Та равнодушно отодвинула шитво, тоже покрестилась, откусила, сахар и глянула на проезжающего. У того было птичье лицо, пестрое от веснушек, очень белое, не то бледное, и длинные, тонкие, необыкновенно подвижные пальцы.

«На кулика похож… конопатый…» И, закрывшись от него пушистыми черными ресницами, стала дуть на горячий чай.

– Вольно, сколько ни окинешь глазом, все степь, степь… хлеба, балки, а в балках яблоньки дикие, одиноко, как сиротки, стоят. А сегодня утром едем, солнышко стало подыматься из-за курганов. Боже мой! Птицы-то сколько… двух дудаков согнали, перепела, а от кузнечиков стон стоном стоит.

– Этого добра! – чтобы из вежливости сказать что-нибудь, пробасила старуха.

«Чудной… Солнце-то кажный день всходит и заходит…» И пушистые ресницы дрогнули, сдерживая усмешку.

– По торговой части будете? – осведомилась старуха.

– Нет, учиться еду, поступать. Поповский сын я, в семинарии был, а попом не хочу быть…

– Конешно, по нонешним временам и у попа плохой доход… И жадны они, ну, только и народ обеднял… Не с кого получать.

Под окном опять залаяла собака, и в избу вошел кучер.

– Садись, Захар, чай пить.

– Что ж, с устатку стаканчик.

И слышно было, как четверо губ втягивали горячий кипяток.

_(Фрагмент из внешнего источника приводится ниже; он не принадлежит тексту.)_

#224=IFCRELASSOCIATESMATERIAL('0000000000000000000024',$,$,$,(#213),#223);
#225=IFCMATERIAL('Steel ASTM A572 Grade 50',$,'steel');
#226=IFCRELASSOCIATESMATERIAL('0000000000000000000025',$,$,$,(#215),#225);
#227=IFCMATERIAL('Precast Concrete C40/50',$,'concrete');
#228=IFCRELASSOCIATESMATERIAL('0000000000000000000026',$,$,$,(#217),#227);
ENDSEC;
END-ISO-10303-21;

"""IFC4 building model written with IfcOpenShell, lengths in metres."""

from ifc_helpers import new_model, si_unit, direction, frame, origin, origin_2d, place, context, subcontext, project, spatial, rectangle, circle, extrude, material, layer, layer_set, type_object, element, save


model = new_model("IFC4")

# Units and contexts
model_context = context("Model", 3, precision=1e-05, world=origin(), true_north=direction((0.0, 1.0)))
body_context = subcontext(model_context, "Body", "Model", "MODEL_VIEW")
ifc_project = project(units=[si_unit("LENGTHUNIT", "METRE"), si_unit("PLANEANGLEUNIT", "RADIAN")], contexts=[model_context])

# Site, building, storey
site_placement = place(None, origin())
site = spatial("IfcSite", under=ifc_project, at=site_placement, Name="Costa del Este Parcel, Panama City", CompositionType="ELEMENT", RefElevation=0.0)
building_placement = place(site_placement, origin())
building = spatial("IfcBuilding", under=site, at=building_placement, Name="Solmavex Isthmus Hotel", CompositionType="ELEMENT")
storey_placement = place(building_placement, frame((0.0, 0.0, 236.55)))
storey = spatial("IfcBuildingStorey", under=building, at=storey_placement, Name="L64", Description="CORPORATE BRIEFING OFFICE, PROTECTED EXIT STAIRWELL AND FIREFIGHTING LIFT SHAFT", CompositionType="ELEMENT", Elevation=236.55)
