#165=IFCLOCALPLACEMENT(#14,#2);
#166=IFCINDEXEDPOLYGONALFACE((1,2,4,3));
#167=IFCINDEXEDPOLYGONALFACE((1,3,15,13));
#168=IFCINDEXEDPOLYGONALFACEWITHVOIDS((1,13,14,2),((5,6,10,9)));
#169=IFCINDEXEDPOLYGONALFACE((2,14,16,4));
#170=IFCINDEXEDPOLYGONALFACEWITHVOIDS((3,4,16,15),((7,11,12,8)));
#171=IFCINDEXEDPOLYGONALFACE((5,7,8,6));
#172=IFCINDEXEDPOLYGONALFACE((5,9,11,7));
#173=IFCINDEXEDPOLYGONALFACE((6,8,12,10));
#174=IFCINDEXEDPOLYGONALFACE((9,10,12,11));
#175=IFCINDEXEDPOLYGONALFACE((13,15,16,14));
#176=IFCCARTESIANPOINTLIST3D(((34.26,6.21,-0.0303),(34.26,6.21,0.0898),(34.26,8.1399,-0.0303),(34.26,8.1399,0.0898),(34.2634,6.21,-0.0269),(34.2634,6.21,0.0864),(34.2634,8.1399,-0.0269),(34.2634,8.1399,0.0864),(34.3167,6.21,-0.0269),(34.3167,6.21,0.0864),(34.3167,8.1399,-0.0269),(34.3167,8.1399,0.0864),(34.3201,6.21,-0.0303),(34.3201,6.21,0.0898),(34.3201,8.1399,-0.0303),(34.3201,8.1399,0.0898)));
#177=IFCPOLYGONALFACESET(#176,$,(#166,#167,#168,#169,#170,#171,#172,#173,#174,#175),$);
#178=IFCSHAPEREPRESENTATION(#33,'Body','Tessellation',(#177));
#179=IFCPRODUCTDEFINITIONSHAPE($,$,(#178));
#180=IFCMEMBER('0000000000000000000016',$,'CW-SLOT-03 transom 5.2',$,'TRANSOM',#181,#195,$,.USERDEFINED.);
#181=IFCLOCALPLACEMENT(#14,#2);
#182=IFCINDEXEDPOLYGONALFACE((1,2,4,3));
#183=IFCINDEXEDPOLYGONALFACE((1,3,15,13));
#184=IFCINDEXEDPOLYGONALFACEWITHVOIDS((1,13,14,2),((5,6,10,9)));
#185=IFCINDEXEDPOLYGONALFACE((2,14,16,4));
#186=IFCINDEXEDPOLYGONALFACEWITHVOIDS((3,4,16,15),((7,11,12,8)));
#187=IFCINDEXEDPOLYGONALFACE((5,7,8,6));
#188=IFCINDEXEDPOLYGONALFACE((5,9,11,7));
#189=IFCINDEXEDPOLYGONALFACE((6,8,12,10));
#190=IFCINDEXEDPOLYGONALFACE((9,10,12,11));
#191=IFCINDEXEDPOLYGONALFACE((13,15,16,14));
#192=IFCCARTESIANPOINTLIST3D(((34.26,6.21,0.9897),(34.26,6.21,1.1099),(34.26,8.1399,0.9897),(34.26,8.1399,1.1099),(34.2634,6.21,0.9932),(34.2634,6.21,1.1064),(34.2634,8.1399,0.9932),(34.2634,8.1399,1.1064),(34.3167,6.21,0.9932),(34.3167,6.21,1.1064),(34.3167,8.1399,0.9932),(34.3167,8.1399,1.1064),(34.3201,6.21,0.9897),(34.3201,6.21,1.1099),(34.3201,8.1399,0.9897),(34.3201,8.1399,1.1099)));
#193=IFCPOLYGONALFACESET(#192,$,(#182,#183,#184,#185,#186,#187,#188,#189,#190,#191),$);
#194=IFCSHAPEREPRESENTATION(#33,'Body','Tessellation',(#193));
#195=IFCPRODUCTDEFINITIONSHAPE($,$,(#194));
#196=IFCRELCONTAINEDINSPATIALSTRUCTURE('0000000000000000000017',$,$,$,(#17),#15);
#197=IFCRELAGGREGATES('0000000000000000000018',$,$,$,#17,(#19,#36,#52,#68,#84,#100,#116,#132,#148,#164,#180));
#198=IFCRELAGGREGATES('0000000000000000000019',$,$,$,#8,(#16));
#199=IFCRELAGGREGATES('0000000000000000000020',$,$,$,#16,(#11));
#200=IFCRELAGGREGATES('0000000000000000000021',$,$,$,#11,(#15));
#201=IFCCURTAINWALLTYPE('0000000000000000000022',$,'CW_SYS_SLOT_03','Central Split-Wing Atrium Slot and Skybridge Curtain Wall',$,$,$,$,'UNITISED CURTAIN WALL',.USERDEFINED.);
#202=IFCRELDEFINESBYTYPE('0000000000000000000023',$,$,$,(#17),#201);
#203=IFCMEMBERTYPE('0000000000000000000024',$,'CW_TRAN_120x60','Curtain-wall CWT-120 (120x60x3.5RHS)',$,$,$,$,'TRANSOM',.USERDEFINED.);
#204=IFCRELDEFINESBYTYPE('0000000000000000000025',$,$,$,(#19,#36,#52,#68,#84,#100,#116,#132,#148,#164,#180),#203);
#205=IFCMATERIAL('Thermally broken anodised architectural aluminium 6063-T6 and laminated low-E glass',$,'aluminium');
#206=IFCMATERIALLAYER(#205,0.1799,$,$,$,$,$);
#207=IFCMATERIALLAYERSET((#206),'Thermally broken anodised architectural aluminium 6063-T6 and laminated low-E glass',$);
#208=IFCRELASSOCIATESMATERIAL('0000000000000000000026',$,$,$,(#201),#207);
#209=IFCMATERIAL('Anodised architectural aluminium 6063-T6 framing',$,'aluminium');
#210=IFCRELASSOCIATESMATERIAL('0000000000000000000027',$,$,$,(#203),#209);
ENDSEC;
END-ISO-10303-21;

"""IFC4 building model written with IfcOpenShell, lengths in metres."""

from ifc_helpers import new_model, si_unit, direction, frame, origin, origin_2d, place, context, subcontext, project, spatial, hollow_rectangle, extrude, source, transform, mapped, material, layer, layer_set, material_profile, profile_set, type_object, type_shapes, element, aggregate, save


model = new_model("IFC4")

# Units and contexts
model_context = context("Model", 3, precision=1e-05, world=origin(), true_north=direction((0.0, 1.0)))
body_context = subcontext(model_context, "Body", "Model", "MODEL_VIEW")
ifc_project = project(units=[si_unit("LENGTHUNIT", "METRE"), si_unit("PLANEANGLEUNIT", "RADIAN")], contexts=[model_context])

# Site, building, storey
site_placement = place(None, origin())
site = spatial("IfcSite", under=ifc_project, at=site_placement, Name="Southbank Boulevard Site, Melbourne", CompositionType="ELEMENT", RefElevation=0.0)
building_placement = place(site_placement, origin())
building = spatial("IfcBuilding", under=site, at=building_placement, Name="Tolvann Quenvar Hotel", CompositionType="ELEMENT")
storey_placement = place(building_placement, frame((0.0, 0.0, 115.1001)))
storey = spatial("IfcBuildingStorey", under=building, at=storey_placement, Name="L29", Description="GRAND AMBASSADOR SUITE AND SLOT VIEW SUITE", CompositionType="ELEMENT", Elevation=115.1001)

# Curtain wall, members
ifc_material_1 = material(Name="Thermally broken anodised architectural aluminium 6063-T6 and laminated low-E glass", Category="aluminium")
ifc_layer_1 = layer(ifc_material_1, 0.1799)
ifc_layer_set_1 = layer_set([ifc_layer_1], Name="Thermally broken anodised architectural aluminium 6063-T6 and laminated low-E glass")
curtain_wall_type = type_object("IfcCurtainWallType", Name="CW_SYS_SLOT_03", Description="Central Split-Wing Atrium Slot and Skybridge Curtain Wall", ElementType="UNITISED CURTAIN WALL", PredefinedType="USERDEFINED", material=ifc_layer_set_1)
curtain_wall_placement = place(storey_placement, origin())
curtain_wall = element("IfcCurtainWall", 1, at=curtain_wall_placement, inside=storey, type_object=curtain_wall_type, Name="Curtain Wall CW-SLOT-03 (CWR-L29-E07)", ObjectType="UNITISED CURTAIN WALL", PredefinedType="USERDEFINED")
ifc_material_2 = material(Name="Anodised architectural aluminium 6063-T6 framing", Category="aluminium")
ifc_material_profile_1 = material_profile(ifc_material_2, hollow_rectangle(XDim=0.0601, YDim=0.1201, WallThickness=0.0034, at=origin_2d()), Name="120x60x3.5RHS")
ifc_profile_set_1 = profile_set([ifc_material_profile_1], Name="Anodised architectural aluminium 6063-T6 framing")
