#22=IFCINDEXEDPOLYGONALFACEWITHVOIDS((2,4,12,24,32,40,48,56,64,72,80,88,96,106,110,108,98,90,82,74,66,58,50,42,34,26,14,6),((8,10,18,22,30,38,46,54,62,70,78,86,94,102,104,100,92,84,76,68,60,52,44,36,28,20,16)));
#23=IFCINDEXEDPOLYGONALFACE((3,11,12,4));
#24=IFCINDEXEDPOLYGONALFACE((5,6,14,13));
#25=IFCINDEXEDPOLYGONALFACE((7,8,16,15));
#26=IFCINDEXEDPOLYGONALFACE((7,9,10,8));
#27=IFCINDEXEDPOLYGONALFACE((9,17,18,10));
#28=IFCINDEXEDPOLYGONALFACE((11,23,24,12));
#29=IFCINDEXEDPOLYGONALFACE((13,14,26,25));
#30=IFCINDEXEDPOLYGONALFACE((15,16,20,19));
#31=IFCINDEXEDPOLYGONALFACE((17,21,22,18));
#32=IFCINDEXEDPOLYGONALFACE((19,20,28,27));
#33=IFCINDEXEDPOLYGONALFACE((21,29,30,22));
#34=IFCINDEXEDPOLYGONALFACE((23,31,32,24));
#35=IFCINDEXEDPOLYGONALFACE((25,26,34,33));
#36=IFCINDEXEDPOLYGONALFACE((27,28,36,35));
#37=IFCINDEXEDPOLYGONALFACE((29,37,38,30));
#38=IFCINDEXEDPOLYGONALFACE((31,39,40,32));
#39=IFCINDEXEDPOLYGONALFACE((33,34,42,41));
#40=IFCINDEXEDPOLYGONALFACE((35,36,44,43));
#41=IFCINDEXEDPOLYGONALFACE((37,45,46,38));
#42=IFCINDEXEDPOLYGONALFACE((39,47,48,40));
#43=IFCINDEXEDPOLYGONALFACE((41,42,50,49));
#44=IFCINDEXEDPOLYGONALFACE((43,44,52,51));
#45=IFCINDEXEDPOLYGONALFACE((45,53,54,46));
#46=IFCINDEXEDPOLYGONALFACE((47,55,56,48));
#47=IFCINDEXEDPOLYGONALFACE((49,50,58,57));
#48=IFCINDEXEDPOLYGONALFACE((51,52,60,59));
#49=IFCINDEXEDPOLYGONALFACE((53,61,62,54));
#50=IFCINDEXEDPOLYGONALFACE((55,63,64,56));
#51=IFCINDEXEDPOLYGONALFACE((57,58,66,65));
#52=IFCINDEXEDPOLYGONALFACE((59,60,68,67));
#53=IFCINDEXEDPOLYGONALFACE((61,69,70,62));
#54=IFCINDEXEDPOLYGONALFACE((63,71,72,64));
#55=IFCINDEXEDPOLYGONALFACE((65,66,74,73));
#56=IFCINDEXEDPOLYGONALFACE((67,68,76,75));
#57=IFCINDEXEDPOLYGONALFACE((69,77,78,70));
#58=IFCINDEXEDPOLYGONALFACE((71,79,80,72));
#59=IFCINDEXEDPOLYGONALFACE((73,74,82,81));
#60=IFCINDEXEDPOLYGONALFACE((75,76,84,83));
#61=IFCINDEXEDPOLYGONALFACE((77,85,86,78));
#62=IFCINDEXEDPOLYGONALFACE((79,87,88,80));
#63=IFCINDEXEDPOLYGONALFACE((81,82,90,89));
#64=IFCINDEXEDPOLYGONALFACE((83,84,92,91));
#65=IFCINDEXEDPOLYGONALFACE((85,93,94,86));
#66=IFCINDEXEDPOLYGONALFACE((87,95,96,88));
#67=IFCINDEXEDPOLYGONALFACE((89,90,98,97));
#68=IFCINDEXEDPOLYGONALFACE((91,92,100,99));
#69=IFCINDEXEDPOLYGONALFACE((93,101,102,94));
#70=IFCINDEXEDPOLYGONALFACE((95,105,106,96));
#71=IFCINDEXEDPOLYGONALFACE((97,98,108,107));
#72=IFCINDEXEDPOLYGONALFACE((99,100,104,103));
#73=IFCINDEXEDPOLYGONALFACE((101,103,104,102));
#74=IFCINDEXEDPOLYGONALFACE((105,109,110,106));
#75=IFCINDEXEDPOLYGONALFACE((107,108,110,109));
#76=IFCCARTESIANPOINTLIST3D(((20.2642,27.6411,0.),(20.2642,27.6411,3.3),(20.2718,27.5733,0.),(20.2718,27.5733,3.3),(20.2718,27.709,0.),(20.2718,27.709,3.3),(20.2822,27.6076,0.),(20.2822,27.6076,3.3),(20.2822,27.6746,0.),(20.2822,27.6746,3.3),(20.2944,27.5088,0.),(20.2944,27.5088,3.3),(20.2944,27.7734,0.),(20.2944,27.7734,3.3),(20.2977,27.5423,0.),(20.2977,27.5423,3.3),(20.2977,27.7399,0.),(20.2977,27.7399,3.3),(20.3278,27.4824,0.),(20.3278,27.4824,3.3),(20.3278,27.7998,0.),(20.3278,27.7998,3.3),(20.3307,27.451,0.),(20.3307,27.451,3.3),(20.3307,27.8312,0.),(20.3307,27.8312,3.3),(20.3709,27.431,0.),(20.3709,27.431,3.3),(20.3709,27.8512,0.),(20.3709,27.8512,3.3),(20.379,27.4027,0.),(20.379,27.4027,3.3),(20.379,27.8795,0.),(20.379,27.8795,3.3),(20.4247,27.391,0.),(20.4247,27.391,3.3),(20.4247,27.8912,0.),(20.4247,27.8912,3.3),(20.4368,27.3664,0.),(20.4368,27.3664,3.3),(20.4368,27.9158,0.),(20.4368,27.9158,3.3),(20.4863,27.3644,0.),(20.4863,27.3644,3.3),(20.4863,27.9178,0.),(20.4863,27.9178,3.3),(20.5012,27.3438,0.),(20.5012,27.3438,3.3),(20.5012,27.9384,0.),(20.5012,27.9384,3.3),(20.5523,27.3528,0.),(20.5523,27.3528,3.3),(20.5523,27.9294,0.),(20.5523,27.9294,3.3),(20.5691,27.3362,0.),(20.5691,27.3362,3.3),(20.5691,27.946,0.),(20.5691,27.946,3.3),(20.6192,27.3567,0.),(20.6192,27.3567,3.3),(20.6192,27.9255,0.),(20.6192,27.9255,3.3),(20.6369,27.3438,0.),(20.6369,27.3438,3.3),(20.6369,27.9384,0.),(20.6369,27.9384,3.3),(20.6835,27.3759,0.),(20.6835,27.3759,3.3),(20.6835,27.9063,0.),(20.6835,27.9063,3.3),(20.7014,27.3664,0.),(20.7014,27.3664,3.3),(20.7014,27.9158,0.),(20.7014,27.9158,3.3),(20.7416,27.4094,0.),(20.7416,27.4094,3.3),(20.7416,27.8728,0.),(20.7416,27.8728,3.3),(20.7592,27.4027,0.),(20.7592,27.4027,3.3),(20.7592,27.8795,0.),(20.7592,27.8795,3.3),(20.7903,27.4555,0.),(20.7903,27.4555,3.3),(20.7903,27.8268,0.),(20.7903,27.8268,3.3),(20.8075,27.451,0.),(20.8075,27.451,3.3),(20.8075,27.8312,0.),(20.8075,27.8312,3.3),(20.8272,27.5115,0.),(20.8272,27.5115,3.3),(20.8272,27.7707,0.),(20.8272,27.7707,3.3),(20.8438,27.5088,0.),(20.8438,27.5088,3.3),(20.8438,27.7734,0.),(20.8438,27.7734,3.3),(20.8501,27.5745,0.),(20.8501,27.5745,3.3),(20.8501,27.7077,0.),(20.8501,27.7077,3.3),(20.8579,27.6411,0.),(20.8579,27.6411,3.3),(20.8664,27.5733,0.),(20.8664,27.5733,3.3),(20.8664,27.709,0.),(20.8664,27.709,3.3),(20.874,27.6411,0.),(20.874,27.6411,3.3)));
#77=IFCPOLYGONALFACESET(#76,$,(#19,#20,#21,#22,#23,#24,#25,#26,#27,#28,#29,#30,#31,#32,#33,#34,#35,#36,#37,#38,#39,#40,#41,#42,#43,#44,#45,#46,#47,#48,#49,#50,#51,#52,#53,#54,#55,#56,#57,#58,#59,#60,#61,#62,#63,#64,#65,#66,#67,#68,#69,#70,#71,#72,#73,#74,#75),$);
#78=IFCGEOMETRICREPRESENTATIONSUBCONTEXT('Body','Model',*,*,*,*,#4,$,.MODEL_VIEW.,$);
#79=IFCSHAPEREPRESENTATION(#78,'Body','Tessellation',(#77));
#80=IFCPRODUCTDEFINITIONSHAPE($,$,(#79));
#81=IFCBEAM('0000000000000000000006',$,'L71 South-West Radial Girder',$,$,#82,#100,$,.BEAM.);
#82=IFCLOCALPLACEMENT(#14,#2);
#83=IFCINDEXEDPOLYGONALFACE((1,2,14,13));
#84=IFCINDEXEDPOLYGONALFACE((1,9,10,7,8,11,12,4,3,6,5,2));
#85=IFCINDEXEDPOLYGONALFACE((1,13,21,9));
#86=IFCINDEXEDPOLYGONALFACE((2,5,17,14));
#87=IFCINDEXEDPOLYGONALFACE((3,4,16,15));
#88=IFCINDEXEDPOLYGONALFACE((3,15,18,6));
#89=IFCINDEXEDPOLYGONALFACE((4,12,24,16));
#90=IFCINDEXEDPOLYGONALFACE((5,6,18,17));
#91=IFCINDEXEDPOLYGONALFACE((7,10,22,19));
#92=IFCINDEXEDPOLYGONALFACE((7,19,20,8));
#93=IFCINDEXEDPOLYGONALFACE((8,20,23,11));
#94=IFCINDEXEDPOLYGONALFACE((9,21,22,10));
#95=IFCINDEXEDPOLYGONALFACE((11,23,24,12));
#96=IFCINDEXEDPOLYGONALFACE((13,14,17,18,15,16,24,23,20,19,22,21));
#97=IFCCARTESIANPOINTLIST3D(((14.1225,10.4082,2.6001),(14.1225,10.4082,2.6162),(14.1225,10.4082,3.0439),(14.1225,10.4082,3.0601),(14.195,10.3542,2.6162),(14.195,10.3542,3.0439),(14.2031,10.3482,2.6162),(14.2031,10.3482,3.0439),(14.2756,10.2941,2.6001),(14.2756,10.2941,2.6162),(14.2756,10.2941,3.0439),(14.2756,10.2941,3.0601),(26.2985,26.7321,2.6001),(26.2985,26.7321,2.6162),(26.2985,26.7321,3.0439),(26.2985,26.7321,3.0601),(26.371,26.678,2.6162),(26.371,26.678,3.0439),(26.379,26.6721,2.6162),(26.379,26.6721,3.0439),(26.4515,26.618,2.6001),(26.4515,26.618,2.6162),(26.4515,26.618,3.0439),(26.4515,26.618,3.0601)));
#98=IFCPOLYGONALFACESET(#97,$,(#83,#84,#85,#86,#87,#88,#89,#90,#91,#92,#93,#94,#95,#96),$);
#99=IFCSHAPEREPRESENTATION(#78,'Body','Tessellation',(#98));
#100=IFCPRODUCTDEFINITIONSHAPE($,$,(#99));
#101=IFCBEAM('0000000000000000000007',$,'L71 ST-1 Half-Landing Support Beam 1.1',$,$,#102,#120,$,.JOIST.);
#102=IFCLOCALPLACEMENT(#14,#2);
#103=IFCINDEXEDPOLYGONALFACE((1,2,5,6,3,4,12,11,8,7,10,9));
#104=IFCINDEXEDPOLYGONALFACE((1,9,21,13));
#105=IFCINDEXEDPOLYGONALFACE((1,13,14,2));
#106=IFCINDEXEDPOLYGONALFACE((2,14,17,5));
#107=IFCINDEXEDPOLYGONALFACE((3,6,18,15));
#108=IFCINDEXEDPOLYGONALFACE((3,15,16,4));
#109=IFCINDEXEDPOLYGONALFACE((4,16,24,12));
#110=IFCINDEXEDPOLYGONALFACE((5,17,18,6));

– Стало быть, в аблакаты выйдете али в фершала.

– Да, да, доктором буду.

– И то доход.

– Буду ездить по степи, из хутора в хутор. Приеду: которые больные, все поползут, – у кого нога, у кого живот, у кого лихорадка. Сколько народа мучается… А детишек сколько помирает!.. Зря гибнут, как трава в поле…

– И-и, Господи… Вот у нас двое померло. Весь хутор, поди, вычистило. – И старуха опрокидывает стакан, кладет сверху оставшийся огрызок сахара.

– Покорно благодарим.

Пушистые ресницы дрогнули, приподнялись, и удивленно глянули карие глаза, опустились, и опять она глянула на него, и внезапно, пугая этой внезапностью, сладкой, заунывной болью кольнуло сердце. На нее смотрели серые, бесконечно добрые, просящиеся в душу глаза. Она со страхом хотела опять спрятаться, опустила ресницы и… не могла, – серые, милые, ласковые глаза смотрели на нее, не позволяя оторваться. Она, торопливо и ненужно обжигаясь, заспешила пить чай, и сквозь смуглость щек пробился предательский румянец.